Mama pushed for 15 minutes and birthed a beautiful baby boy right in the same bed she had made him in!!!  She reached down between her legs and grabbed her baby as soon as his shoulders were birthed, lifting him to her breast.  Her big tough-guy husband began weeping and gushing like a school-girl!   It was priceless!!!

After the usual "after birth routine" which involves a bunch of important stuff like bleeding, placenta, latching, cleaning, etc. we made our exit.  As we quietly took our leave,  four older siblings were climbing onto the bed with their Daddy and Mama to take turns holding their new baby brother.  What an absolute darling family!!

Monday, December 6, 2010

Memorial

Yesterday Speed & I attended the memorial service of a spectacular man, husband, father, friend, and follower of Jesus.  It was likely the best memorial service I've ever attended, if that can be said of such a sad occasion.

Ed had been sick for a long time, fighting cancer.  When his life ended, his family was with him, witnessing his transition from this life unto the next.  Their testimony of his passing was incredible and faith inspiring.

His family wore white to the memorial service!  I noticed that right off the bat and I was awestruck by their purposeful intent to celebrate Ed's passing.  This family knows beyond a shadow of a doubt that their father is cured of cancer and now hanging out with Jesus.
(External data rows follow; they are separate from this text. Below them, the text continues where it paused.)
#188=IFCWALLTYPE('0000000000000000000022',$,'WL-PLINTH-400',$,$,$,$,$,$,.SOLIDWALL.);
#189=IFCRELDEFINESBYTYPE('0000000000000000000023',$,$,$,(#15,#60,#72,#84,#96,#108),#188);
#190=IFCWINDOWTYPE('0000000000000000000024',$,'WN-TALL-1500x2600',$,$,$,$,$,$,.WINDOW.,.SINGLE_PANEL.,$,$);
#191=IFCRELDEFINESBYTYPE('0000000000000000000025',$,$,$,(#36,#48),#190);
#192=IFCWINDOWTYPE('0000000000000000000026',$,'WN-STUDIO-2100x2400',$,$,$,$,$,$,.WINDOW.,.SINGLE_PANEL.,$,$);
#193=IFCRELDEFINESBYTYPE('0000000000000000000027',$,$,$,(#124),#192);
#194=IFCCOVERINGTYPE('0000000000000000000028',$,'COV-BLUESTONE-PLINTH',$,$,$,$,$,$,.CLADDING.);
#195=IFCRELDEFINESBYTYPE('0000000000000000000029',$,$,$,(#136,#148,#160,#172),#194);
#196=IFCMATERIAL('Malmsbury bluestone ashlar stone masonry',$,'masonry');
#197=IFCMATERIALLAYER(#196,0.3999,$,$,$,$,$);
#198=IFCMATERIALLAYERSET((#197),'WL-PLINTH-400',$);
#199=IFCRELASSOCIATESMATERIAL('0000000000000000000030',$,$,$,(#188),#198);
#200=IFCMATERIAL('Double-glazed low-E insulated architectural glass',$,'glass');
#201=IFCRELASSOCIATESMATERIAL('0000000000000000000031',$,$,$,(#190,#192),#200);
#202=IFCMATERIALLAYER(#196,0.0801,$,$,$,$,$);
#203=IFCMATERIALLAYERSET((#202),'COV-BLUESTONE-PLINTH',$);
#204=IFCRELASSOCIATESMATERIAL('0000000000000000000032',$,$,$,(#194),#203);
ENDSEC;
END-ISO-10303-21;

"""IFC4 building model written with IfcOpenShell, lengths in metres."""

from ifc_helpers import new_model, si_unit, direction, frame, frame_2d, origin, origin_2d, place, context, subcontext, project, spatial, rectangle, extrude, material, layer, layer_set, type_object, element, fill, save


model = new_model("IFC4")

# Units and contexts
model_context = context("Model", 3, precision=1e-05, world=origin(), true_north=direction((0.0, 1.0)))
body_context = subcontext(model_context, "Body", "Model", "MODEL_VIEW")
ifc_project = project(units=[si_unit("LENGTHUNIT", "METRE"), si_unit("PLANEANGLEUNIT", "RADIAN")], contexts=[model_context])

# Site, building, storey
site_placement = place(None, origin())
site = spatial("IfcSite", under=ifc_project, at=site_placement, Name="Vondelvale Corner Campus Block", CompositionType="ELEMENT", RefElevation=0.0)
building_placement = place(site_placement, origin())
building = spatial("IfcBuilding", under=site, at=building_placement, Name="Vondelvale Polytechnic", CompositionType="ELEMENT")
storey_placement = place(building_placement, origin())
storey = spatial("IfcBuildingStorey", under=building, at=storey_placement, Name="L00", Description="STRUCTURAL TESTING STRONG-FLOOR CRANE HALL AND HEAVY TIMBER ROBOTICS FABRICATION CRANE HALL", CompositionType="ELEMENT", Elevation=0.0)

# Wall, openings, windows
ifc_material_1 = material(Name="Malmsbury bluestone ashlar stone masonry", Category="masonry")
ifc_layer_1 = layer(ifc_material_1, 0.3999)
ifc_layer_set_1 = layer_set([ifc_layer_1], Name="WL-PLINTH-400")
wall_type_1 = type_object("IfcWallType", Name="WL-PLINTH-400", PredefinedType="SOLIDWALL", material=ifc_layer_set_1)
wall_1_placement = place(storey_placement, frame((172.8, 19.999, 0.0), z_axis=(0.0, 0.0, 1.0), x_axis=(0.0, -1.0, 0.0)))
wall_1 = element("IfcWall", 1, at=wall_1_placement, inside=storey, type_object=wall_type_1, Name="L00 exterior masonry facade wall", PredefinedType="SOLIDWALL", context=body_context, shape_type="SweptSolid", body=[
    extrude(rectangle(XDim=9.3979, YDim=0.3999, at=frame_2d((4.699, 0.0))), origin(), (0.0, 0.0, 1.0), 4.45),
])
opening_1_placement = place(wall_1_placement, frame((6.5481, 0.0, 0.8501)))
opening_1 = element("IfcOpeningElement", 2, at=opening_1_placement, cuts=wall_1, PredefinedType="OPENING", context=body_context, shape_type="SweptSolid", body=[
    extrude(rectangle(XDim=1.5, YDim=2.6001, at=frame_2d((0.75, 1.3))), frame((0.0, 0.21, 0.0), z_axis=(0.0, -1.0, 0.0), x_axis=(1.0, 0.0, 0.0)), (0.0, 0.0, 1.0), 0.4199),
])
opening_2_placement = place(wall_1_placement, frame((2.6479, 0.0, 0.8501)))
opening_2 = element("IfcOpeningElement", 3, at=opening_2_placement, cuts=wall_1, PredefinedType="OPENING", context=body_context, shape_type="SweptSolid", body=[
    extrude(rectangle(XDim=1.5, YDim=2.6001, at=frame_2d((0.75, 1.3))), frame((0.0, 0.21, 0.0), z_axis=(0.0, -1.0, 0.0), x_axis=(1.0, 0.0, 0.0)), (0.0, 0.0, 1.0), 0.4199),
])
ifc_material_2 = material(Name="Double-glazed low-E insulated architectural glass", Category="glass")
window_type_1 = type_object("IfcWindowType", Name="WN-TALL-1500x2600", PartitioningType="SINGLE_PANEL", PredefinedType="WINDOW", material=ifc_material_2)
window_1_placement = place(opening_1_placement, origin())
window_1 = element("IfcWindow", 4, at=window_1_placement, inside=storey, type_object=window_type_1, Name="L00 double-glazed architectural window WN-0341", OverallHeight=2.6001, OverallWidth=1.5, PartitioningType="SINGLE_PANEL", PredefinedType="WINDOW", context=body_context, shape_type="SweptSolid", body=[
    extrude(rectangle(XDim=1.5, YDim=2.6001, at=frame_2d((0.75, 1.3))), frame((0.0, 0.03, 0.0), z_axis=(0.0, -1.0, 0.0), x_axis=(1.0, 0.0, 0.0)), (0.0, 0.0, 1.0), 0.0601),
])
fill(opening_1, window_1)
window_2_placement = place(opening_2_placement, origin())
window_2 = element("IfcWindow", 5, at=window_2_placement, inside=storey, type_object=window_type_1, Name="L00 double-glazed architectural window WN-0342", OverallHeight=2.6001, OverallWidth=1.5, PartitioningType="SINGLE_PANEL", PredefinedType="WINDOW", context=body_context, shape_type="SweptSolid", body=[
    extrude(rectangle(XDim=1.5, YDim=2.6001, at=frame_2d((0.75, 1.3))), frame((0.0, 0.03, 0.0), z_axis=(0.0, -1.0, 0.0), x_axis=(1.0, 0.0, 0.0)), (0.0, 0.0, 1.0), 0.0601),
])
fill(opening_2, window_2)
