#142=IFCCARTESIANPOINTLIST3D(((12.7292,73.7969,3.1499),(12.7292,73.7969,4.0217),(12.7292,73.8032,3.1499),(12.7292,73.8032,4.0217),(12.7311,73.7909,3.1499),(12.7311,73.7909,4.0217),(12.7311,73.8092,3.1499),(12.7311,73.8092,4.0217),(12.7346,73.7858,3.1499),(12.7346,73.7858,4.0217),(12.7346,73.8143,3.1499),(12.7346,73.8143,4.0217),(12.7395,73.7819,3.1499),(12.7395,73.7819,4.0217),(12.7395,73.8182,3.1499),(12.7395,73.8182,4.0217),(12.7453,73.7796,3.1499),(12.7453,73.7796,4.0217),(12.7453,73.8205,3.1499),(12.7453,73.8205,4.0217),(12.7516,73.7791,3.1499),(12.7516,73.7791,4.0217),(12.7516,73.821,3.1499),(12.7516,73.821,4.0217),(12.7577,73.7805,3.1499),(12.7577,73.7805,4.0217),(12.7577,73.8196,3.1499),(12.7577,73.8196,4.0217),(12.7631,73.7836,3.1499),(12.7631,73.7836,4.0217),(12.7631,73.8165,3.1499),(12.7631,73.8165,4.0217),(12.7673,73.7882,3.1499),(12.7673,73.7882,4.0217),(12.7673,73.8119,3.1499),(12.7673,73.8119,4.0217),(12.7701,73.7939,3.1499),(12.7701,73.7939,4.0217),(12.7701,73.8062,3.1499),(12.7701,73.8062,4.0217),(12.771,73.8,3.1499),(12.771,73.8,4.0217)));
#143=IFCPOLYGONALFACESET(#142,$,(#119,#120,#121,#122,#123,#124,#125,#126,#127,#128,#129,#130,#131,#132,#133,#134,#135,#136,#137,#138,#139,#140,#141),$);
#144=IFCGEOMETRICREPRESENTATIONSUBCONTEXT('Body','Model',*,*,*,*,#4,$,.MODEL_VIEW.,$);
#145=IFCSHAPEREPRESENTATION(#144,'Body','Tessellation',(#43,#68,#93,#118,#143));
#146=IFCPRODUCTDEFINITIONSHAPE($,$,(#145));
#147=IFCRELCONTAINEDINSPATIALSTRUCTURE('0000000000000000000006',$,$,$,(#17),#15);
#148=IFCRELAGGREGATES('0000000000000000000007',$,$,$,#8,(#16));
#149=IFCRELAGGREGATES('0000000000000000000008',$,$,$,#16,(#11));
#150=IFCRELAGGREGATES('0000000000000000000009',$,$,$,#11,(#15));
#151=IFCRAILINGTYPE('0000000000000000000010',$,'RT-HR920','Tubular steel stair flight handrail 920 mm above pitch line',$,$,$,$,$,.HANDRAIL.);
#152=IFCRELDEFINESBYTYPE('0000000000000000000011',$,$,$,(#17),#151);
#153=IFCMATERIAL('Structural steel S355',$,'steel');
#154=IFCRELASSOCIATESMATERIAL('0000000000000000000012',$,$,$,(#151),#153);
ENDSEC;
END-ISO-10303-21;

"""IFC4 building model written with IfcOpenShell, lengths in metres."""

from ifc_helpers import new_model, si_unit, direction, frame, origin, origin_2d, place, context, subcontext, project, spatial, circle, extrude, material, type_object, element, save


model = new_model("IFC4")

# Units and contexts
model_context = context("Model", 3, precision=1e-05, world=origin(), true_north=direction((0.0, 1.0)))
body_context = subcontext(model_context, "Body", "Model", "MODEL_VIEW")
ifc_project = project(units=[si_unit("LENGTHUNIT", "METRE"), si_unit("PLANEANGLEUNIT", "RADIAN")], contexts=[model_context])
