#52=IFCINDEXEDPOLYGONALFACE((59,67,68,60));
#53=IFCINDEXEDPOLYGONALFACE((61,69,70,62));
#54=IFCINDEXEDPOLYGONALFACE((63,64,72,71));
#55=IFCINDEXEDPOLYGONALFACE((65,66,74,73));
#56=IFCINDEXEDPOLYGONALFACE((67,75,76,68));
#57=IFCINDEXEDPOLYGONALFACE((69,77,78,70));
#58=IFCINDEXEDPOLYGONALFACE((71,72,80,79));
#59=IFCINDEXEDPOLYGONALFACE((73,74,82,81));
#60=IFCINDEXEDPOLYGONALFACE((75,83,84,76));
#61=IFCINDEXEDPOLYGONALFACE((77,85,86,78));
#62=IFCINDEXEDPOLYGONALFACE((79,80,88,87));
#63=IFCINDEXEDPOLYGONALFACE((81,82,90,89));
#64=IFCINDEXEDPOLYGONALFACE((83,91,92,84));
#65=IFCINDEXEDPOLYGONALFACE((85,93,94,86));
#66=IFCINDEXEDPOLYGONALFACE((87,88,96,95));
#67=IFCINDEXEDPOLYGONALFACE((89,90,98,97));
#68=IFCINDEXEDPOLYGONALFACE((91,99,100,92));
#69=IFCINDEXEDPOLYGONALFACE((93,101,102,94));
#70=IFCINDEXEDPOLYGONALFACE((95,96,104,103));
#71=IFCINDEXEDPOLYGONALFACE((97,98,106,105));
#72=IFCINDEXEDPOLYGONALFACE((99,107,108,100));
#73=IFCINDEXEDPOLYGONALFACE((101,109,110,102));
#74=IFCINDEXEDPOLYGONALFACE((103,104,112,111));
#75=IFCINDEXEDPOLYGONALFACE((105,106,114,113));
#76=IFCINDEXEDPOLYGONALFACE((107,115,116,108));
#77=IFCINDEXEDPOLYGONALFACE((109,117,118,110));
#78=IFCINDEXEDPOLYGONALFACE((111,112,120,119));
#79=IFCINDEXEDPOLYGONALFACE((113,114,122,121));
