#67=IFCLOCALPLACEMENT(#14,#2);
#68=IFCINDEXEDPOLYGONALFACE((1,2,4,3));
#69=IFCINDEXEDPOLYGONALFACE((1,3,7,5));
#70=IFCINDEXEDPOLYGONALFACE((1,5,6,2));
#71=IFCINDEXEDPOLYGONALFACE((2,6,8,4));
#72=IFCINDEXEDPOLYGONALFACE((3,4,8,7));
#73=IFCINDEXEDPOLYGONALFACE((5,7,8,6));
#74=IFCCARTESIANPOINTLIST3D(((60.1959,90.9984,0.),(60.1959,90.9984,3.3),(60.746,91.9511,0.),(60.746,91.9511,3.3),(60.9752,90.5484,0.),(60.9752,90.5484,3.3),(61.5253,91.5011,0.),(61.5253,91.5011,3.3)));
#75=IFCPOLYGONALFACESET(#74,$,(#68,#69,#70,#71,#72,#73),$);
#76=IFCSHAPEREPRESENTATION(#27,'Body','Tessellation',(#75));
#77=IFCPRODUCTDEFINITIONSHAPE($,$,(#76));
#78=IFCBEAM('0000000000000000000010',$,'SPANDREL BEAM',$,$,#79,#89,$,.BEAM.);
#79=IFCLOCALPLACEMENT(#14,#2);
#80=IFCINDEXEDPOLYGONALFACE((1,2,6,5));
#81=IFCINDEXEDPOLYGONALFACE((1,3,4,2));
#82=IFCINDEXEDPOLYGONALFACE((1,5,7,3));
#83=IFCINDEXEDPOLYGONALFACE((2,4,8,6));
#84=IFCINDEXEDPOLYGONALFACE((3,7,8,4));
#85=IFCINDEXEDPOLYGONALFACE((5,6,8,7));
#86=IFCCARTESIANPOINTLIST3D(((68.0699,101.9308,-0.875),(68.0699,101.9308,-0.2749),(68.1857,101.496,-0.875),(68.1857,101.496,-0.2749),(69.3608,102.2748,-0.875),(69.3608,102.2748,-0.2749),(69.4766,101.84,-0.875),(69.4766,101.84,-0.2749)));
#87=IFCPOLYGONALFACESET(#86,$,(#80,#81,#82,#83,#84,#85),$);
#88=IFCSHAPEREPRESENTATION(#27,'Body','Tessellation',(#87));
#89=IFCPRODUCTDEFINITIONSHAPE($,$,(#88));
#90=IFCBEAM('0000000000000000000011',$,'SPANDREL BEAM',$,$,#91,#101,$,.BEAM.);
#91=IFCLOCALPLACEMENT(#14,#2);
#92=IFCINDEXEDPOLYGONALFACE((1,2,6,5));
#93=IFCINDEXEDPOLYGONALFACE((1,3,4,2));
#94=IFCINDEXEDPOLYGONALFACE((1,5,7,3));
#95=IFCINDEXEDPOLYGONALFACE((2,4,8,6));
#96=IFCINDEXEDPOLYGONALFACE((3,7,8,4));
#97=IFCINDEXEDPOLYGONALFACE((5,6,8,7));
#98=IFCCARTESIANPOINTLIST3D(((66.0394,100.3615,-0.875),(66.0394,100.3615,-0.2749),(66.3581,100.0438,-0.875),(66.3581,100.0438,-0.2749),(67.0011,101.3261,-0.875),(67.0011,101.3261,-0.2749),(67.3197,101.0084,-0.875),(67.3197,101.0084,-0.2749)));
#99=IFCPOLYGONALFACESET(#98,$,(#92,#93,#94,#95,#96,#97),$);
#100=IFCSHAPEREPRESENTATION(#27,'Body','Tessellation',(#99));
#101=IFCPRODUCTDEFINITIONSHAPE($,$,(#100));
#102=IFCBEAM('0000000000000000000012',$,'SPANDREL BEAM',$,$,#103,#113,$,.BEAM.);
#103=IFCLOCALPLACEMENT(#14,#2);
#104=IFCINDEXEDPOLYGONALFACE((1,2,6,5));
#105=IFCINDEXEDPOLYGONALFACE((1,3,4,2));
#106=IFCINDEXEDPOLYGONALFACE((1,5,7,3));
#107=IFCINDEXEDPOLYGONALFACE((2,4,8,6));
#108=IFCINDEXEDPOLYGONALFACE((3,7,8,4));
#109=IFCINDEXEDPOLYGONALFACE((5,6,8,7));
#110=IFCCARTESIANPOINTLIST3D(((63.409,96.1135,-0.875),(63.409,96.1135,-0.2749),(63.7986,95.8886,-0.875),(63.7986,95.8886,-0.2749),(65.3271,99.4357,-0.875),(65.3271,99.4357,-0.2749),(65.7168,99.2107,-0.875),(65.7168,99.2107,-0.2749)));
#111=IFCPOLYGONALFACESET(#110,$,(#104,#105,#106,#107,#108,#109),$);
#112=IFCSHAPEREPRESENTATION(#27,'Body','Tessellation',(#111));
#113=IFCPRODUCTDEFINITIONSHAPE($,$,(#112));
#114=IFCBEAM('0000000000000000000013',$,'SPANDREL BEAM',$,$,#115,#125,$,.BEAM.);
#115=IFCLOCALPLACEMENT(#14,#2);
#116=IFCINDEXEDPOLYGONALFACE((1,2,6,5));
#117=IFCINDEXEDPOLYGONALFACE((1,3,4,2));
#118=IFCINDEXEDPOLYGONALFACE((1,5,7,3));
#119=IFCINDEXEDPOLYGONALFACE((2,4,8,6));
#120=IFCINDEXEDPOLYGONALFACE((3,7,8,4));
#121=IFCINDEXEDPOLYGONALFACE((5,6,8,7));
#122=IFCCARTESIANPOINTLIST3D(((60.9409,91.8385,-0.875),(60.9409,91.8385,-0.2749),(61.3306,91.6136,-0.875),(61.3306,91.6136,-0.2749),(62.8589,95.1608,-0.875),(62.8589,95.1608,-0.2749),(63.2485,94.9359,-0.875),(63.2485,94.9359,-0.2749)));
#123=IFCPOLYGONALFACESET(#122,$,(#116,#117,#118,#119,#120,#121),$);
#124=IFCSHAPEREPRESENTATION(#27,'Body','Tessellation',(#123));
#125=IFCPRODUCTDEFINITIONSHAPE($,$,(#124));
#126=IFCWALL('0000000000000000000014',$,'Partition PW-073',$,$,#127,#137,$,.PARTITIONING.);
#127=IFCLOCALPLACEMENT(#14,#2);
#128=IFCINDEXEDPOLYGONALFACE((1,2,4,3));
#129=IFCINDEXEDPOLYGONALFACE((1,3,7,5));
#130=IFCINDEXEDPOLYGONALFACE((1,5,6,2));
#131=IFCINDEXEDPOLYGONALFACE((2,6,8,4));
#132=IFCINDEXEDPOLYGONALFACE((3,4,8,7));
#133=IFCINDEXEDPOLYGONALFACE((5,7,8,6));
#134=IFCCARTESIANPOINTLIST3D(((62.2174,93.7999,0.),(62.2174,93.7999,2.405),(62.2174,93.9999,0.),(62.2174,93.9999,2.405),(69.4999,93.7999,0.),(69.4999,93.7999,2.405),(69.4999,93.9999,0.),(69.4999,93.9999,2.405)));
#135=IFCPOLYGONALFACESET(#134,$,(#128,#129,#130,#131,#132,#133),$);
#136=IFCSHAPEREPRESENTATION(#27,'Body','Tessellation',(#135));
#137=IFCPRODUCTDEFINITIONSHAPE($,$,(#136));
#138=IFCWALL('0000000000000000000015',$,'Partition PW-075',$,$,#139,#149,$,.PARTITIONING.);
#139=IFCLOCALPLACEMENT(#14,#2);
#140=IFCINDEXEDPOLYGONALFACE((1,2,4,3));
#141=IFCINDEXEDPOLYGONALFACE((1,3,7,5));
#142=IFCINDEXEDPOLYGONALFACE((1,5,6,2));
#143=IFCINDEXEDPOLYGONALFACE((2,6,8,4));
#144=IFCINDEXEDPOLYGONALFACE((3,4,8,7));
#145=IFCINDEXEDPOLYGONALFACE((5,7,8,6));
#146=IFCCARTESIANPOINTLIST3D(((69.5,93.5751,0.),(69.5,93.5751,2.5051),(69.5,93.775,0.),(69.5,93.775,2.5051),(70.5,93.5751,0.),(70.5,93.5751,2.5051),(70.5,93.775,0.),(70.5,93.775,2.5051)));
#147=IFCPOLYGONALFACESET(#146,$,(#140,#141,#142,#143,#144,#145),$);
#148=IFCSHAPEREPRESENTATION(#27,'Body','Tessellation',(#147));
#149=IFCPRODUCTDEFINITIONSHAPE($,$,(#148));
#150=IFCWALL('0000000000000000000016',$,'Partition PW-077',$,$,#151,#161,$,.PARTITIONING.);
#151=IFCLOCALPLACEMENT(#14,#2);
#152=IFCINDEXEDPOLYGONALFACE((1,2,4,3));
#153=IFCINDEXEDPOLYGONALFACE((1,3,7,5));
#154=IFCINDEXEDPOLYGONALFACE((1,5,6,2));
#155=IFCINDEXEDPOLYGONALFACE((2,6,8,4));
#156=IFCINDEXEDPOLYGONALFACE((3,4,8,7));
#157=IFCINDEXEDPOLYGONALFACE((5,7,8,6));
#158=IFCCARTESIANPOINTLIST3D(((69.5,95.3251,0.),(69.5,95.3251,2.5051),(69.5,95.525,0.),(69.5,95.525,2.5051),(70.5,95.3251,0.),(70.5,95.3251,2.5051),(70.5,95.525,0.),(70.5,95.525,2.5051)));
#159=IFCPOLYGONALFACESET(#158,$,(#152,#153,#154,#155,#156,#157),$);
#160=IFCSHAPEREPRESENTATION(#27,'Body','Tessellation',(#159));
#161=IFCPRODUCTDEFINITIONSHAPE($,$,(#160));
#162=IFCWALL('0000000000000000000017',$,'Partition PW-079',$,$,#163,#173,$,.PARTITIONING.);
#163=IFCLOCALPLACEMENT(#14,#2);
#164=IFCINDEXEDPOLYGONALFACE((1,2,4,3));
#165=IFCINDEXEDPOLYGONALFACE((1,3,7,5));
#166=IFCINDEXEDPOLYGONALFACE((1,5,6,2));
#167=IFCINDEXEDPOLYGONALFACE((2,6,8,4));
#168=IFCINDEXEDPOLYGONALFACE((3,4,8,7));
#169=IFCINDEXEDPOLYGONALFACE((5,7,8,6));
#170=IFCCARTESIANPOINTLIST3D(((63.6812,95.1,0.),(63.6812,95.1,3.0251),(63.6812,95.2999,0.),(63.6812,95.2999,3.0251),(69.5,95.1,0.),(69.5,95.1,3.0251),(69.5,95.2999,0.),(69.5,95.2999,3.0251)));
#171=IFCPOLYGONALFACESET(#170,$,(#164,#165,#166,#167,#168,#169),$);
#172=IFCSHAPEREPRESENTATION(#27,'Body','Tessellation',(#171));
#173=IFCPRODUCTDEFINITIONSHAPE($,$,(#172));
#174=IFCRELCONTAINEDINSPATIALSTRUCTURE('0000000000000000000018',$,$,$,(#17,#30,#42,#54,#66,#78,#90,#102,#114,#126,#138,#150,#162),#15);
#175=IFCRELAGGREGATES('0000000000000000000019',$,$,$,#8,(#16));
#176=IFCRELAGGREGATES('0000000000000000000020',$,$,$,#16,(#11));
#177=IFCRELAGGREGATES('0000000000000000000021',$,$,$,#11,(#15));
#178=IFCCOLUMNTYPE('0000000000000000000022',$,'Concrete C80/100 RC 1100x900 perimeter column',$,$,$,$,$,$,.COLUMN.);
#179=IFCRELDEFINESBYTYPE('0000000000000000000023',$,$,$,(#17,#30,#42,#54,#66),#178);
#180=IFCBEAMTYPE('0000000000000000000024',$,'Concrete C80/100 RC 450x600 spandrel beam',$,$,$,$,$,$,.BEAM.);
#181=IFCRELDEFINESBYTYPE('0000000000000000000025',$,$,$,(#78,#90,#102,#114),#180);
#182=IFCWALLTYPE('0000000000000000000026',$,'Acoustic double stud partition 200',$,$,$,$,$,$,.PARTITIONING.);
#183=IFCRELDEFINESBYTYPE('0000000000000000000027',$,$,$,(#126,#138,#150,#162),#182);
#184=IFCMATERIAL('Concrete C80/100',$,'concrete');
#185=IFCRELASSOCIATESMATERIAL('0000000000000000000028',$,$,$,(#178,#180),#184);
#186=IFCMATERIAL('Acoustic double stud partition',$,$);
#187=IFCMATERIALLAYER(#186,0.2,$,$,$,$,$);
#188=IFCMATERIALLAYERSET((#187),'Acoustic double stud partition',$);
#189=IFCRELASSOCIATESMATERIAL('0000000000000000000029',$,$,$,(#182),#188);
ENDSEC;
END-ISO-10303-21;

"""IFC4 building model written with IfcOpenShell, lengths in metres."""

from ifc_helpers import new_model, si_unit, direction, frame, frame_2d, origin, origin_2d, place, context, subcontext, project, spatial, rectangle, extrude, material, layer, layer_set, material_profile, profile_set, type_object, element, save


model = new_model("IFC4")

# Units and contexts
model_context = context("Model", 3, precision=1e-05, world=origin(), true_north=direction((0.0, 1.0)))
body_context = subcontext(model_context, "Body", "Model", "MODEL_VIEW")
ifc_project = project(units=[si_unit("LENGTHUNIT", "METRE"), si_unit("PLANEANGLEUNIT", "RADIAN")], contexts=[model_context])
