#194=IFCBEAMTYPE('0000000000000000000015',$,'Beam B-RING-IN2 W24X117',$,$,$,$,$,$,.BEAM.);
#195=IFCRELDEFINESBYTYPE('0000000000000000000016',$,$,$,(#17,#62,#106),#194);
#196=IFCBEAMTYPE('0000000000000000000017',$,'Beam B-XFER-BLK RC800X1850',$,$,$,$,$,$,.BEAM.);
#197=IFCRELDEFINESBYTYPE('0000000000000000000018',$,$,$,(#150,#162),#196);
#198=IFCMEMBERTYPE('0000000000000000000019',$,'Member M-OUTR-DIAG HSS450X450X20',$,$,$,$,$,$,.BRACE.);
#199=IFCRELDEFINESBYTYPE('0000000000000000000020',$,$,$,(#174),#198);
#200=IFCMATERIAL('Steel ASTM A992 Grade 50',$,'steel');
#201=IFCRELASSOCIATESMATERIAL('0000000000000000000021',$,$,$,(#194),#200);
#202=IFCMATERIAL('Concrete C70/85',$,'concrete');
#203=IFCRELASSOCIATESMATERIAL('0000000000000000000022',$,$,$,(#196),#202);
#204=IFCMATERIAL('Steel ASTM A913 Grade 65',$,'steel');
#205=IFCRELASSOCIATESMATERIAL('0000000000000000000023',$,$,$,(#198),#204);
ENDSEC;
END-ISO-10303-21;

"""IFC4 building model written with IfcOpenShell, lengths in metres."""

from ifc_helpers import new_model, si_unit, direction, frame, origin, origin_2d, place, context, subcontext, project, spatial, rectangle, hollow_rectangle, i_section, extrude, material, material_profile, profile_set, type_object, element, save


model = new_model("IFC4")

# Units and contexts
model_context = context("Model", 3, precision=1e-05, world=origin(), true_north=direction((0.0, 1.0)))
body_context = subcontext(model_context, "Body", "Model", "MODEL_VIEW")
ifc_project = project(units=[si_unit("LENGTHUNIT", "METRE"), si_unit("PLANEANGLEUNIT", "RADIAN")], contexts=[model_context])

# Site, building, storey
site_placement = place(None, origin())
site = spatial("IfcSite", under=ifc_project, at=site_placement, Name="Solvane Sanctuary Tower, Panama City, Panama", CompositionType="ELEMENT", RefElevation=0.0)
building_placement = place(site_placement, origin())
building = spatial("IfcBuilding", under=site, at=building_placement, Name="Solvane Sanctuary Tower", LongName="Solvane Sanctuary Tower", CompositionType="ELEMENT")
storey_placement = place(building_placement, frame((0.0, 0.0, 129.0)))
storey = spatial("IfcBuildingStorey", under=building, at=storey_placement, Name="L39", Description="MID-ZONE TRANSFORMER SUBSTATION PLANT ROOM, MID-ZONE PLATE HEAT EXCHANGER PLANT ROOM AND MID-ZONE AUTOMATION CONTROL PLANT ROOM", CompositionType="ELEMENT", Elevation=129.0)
Though they are sad and did not deny their feelings of utter loss, they are in celebration!

Each of his children (he has 4) and their spouses spoke with heartfelt sentiment about their father and what an impact he'd made on their lives as well as many many others.  It left Speed & I to ponder on our way home, "Whose life are we impacting?"  "Are we making a difference?"  "Are we living our lives the way that Jesus would have us live it?" "Will our children and grandchildren say we passed the torch, the mantel, the legacy of Christ onto them?"